= Gottfried and Thekla Zielke =

Gottfried and Thekla Zielke (born 1929 and 1928 in Germany) are ceramicists based in Venezuela. Later married, the Zielkes met at Technical school in Germany and started a personal and professional collaboration. After graduating college, Thekla designed pottery for two years at a German factory, before immigrating to Sweden, where she apprenticed for three years in a ceramics workshop. While Thekla studied ceramics design, Gottfried learned the technical aspects of the craft, with an emphasis on enamel. After attaining his bachelor's degree, Gottfried apprenticed for three years in two ceramics workshops, where he gained further knowledge of ceramics technique, theory, and chemistry. This led to later scientific studies of the medium, such as organic chemistry, mineralogy, and geology.

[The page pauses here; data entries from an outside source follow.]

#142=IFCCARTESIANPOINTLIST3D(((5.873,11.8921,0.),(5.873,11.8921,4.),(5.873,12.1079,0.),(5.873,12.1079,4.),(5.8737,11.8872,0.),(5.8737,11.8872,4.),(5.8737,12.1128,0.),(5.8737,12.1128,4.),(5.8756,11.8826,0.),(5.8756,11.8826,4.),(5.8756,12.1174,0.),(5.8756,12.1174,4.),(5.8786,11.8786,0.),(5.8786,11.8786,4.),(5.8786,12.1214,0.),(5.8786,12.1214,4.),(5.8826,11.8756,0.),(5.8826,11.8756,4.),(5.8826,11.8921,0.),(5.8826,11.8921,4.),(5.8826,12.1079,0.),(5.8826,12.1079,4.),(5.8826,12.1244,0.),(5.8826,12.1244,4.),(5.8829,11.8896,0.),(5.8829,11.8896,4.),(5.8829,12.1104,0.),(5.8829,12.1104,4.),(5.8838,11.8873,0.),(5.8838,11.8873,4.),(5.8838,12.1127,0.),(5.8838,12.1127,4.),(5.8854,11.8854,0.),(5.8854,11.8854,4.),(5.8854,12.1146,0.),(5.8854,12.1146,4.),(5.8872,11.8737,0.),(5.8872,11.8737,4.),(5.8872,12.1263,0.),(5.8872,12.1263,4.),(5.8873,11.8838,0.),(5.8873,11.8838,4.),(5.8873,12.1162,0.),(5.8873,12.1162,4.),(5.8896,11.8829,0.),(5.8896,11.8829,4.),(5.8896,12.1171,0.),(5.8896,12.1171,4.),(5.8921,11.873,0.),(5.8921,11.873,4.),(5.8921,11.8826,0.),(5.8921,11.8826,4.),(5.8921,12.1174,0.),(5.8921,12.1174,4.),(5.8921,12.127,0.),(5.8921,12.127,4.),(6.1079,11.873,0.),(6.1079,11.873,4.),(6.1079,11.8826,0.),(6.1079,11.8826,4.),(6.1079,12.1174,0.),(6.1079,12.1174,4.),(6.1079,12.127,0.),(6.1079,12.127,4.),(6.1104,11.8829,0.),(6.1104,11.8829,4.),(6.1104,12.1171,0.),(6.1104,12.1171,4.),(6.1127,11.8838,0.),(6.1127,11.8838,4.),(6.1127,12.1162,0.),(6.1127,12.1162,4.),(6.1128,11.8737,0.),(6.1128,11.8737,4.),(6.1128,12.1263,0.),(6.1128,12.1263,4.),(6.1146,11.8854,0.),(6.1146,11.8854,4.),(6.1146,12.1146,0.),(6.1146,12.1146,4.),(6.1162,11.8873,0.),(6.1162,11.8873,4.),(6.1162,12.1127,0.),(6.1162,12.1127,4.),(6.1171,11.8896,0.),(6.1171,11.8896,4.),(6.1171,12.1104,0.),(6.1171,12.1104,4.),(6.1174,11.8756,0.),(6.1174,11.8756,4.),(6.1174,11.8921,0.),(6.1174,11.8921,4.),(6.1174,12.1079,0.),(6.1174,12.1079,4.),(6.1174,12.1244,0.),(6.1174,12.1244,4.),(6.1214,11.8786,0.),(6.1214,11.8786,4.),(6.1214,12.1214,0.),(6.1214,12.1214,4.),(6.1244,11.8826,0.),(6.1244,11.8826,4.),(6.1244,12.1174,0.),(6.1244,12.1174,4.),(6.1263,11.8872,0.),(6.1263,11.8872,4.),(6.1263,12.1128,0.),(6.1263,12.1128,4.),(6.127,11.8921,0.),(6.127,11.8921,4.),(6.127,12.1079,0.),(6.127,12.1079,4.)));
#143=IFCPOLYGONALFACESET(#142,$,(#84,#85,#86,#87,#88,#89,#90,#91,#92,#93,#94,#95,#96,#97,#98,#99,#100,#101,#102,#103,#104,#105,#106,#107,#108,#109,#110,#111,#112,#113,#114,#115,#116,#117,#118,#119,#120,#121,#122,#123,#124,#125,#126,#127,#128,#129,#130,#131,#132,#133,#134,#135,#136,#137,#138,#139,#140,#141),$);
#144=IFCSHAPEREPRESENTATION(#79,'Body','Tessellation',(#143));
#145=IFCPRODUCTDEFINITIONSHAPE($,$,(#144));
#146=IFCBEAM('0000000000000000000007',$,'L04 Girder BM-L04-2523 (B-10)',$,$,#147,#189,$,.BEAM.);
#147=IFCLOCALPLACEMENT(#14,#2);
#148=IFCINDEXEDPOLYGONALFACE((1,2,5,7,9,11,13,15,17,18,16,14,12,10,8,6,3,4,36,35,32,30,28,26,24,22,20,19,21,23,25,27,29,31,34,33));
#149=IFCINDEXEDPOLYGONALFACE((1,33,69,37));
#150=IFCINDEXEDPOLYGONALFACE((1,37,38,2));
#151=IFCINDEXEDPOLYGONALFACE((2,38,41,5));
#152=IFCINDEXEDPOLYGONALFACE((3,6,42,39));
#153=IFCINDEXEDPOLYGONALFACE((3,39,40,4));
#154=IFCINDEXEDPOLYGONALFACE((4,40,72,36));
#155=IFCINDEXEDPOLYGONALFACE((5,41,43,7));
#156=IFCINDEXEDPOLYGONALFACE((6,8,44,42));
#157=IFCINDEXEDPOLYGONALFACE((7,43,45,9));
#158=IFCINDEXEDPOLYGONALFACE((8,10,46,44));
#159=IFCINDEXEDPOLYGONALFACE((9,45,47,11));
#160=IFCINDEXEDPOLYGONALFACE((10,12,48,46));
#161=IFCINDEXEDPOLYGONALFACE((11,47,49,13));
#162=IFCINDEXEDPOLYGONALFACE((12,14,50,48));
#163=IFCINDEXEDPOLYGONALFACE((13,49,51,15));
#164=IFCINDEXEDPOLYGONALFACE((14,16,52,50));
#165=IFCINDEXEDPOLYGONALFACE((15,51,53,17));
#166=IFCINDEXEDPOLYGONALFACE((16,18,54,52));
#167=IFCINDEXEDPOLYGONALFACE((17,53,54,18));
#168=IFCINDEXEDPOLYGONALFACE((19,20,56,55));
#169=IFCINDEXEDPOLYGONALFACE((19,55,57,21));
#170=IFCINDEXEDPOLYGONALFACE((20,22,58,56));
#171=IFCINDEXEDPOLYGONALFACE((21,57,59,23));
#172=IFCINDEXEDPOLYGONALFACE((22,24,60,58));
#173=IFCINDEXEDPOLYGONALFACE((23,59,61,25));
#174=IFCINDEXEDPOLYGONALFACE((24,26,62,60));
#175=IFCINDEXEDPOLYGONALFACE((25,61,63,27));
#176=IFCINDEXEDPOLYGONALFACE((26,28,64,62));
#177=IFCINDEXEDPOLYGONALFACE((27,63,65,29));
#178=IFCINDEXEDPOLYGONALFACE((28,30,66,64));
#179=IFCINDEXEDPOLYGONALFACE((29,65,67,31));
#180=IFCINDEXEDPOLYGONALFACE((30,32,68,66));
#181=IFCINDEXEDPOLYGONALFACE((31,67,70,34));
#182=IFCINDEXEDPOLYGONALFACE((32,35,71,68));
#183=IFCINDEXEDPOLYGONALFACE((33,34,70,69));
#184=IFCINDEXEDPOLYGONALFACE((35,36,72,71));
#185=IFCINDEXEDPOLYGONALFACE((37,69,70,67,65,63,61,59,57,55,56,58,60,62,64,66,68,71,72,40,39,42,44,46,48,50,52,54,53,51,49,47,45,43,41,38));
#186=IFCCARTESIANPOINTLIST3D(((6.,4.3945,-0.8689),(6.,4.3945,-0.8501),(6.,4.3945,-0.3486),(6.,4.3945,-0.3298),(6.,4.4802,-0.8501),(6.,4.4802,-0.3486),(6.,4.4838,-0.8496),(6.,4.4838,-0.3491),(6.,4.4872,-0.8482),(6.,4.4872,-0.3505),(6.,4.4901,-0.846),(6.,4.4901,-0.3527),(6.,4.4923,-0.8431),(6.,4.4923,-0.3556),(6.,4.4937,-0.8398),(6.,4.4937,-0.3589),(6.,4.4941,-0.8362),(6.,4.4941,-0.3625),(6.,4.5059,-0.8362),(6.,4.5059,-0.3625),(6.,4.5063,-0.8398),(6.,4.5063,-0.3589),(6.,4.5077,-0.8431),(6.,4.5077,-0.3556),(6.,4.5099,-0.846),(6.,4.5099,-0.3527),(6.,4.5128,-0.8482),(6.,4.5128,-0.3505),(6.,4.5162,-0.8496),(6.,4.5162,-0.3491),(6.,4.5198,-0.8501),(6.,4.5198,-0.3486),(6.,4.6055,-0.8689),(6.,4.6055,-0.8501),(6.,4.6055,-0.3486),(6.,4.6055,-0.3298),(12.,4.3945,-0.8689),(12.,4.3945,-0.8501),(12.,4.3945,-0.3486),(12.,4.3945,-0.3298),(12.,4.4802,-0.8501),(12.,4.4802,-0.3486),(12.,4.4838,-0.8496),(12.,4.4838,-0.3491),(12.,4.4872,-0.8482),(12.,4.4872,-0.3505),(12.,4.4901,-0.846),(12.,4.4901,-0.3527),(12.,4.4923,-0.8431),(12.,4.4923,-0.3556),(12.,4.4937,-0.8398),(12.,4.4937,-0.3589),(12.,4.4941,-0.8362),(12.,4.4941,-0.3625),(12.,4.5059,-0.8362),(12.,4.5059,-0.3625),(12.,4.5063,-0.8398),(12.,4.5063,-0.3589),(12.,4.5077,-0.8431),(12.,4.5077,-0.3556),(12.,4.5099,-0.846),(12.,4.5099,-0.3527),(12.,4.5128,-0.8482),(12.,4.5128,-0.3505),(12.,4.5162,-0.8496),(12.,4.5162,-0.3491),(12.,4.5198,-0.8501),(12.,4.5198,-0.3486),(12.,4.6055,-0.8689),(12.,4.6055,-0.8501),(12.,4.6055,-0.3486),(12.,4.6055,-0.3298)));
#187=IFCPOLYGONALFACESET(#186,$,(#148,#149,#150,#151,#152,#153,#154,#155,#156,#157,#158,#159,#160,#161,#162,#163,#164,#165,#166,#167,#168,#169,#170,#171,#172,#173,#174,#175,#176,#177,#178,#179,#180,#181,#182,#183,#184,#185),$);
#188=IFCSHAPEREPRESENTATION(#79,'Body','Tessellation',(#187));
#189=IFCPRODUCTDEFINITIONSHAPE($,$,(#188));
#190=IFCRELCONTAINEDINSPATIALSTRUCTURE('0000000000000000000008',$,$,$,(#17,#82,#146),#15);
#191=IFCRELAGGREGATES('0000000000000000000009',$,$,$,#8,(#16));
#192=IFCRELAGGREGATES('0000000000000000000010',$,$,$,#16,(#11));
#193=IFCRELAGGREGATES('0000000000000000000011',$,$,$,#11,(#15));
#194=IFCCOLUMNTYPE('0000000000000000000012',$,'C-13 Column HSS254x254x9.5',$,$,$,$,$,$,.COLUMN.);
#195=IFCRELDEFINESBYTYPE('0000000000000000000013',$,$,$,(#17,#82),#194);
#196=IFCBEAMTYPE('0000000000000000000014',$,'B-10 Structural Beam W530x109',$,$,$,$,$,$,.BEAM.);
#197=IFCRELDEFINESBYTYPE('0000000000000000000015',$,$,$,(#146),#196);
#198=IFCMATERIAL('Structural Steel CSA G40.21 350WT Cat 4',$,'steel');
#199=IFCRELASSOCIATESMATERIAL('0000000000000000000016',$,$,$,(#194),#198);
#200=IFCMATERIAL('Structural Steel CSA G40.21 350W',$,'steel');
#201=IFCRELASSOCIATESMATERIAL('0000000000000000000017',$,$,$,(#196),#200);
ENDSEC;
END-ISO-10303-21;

After being hired to open Azulejos Corona, a tile factory in Bogotá in 1952, Gottfried relocated to Colombia and was asked three years later to open another factory for the Vencerámica company in La Victoria, Venezuela. After Gottfried and Thekla were married in Italy in 1955, she too moved to Venezuela. Unhappy with managing the factory, the couple established a quieter life in Colonia Tovar (an isolated mountain village founded in the nineteenth century near Caracas by Bavarian immigrants). They constructed a modest house on a friend’s land with the intention of establishing a small ceramics studio, where they completed their first pieces in 1959. Thekla used a wheel to form the clay, while Gottfried spearheaded the technical aspects of production, such as clay selection, glazes, and firing lengths and temperatures. The remote village, without a road to draw visitors, left them free to experiment with artistic forms. They won the National Prize for Applied Arts at the 1961 Salón Oficial Annual de Arte Venezolano (Official Annual Venezuelan Art Salon), which brought attention to their practice. After a road was completed from Caracas to Colonia Tovar in 1967, the couple began to produce utilitarian objects to sell to tourists. Increased production led them to implement a partially mechanized process. Also in 1967, they won an award at the Salón Arturo Michelena and were invited to become members of the World Craft Council, which led to more awards and recognition. In Colonia Tovar, the Zielkes partnered with other craftspeople to form a trade school for the town’s youth, so they could learn skills, such as ceramics, forging, and blacksmithing. Their project evolved into a thriving school for woodworking and the manufacture of musical instruments.

==Exhibitions==
- Moderno: Design for Living in Brazil, Mexico, and Venezuela, 1940–1978 , Americas Society (New York), 2015.